Download The intermediate value property Definition 1. Let I an interval and f : I

The intermediate value property
Definition 1. Let I an interval and f : I → R a function. We say f has the intermediate
value property (IVP) if for any a, b ∈ I, a < b, and λ between f (a) and f (b), there is c ∈ (a, b)
such that f (c) = λ.
Problem 1. (Homework) Let f : I → R be a function. Then f has IVP if and only if
f (J) is an interval for any interval J ⊂ I.
Problem 2. Give an example of two functions f, g with IVP such that f + g doesn’t have
IVP.
Problem 3. Prove there are no continuous functions f : R → R such that f (x) is rational
if and only if f (x + 1) is irrational, for every x ∈ R.
Problem 4. If f : I → R is a monotonic function, then f has lateral limits in any point
x ∈ I.
Problem 5. Let f ; [0, 1] → [0, 1] be a function such that f (0) = 0, and f (1) = 1.
a) Prove that, if f has IVP then f is surjective.
b) Is there any surjective f which doesn’t have IVP?
Problem 6. If f : I → R is monotonic and has IVP, then f is continuous.
Problem 7. Prove that if f : I → R is monotonic, and f (I) is an interval then F is
continuous.
Problem 8. Let f, g : R → R be such that f is continuous, g is monotonic, and f (x) =
g(x) for any rational x.
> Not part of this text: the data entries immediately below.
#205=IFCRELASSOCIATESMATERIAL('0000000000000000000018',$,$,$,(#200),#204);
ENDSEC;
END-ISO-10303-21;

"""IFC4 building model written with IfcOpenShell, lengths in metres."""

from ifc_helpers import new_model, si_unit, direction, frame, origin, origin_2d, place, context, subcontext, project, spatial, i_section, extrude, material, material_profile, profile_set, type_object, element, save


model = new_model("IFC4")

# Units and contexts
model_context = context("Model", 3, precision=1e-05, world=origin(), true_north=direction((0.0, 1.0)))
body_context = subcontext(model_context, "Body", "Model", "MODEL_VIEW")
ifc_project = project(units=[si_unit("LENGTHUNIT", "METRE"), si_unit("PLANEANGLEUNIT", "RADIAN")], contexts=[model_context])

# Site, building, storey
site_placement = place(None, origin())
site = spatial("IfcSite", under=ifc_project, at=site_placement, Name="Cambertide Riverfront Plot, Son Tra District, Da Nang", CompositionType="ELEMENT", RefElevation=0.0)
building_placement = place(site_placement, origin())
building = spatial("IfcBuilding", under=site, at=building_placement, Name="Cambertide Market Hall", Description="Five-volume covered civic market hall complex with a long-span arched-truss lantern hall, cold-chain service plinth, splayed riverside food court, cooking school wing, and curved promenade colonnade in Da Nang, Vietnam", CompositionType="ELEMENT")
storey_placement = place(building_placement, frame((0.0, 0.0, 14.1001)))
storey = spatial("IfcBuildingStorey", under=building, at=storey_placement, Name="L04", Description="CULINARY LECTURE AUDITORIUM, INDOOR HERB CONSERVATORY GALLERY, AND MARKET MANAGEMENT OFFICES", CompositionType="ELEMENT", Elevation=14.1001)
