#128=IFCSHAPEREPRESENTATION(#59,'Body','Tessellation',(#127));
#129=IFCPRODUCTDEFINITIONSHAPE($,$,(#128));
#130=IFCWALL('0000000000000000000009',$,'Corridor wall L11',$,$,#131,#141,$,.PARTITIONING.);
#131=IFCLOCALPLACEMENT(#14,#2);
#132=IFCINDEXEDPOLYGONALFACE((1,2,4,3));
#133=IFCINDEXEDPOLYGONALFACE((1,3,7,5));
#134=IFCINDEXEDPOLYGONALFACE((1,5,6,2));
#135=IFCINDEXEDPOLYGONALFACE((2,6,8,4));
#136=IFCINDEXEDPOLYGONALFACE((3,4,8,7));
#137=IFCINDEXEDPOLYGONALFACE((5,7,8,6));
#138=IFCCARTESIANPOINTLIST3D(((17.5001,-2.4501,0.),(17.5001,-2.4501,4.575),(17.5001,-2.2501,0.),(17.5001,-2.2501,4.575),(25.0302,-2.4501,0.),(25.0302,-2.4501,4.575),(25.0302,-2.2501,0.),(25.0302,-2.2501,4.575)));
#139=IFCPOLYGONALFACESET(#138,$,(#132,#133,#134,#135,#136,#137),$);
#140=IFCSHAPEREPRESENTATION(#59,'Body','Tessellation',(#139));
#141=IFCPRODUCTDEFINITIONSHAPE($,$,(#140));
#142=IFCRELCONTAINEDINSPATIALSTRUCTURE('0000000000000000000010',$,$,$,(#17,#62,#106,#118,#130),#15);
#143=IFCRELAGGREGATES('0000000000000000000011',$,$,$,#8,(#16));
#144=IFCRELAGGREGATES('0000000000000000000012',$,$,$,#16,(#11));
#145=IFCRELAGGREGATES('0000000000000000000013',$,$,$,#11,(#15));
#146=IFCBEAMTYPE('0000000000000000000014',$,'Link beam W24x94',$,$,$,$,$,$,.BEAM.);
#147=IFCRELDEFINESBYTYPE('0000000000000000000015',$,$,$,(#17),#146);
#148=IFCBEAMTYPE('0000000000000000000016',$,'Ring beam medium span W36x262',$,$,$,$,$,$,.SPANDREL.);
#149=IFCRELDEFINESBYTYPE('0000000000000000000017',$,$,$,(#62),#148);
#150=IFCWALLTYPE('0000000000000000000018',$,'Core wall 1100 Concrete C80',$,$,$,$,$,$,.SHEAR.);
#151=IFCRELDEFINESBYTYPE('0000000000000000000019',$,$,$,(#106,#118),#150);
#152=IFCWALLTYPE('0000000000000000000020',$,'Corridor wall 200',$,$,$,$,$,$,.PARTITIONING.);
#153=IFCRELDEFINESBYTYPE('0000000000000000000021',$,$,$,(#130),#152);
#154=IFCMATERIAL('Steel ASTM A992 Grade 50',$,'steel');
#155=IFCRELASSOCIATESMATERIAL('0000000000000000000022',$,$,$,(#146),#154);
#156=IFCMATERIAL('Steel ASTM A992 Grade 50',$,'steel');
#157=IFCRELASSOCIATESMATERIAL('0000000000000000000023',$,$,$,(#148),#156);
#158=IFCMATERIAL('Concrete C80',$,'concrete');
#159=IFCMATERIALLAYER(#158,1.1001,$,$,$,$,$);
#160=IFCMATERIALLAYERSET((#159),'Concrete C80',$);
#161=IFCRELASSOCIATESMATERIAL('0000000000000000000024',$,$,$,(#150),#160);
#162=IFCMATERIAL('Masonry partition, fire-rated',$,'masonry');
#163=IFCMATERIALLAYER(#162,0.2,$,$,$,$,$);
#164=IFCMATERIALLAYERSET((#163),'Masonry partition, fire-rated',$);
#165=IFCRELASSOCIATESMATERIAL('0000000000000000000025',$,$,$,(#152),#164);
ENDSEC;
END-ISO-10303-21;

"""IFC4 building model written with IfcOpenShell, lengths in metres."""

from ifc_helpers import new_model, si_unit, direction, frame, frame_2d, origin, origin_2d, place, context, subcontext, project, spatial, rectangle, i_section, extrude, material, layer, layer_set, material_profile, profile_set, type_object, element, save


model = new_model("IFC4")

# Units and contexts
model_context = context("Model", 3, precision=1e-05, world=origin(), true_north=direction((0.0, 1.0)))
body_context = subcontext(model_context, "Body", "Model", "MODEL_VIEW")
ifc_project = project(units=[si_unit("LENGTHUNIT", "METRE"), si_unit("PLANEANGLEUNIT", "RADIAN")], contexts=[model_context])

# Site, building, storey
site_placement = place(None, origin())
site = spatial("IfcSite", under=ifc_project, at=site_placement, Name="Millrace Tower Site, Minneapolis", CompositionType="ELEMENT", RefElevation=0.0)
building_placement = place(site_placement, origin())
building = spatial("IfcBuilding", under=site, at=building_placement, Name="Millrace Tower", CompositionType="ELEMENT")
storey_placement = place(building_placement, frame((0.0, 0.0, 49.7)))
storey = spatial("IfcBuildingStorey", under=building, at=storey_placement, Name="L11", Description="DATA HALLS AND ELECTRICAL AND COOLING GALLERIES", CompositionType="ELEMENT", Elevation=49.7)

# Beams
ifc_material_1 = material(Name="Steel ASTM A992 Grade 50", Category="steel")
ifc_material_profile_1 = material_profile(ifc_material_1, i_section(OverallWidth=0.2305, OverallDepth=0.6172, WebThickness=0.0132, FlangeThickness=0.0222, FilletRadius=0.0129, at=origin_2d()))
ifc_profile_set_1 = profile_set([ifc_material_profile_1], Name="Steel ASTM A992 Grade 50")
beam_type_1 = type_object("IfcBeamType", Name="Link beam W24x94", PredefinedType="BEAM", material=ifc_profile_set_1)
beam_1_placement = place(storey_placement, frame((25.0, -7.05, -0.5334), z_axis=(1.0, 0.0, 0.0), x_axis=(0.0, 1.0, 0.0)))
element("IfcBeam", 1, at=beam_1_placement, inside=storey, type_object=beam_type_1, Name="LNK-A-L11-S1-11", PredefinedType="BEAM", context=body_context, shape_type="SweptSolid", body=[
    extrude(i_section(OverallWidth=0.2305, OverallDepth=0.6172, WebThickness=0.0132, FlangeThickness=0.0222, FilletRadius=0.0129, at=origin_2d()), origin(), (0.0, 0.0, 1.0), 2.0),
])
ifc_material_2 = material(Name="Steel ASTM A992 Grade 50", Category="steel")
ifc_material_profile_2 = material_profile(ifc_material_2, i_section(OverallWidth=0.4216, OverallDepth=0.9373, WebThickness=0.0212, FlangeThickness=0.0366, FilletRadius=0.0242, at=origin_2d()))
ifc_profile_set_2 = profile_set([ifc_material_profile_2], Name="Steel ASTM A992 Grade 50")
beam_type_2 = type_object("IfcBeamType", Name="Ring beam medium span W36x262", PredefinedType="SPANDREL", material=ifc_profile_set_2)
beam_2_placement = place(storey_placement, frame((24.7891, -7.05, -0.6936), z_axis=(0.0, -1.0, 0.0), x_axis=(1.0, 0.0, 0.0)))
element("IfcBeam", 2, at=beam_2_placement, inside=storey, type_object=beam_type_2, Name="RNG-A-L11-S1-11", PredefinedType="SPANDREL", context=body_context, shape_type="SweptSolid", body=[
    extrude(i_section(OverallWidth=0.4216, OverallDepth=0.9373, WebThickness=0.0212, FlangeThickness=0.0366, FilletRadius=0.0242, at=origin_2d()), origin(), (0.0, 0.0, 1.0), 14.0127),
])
Prove that f = g.
Problem 9. a) Let f, g : R → R be periodic functions such that f + g has a limit at ∞.
Prove that f + g is constant.
b) If a cos ax + b cos bx ≥ 0 for any x ∈ R, then a = b = 0.
Problem 10. (Homework) Let f : R → R be a function with IVP, such that f ◦ f is
injective. Prove that f ◦f is increasing.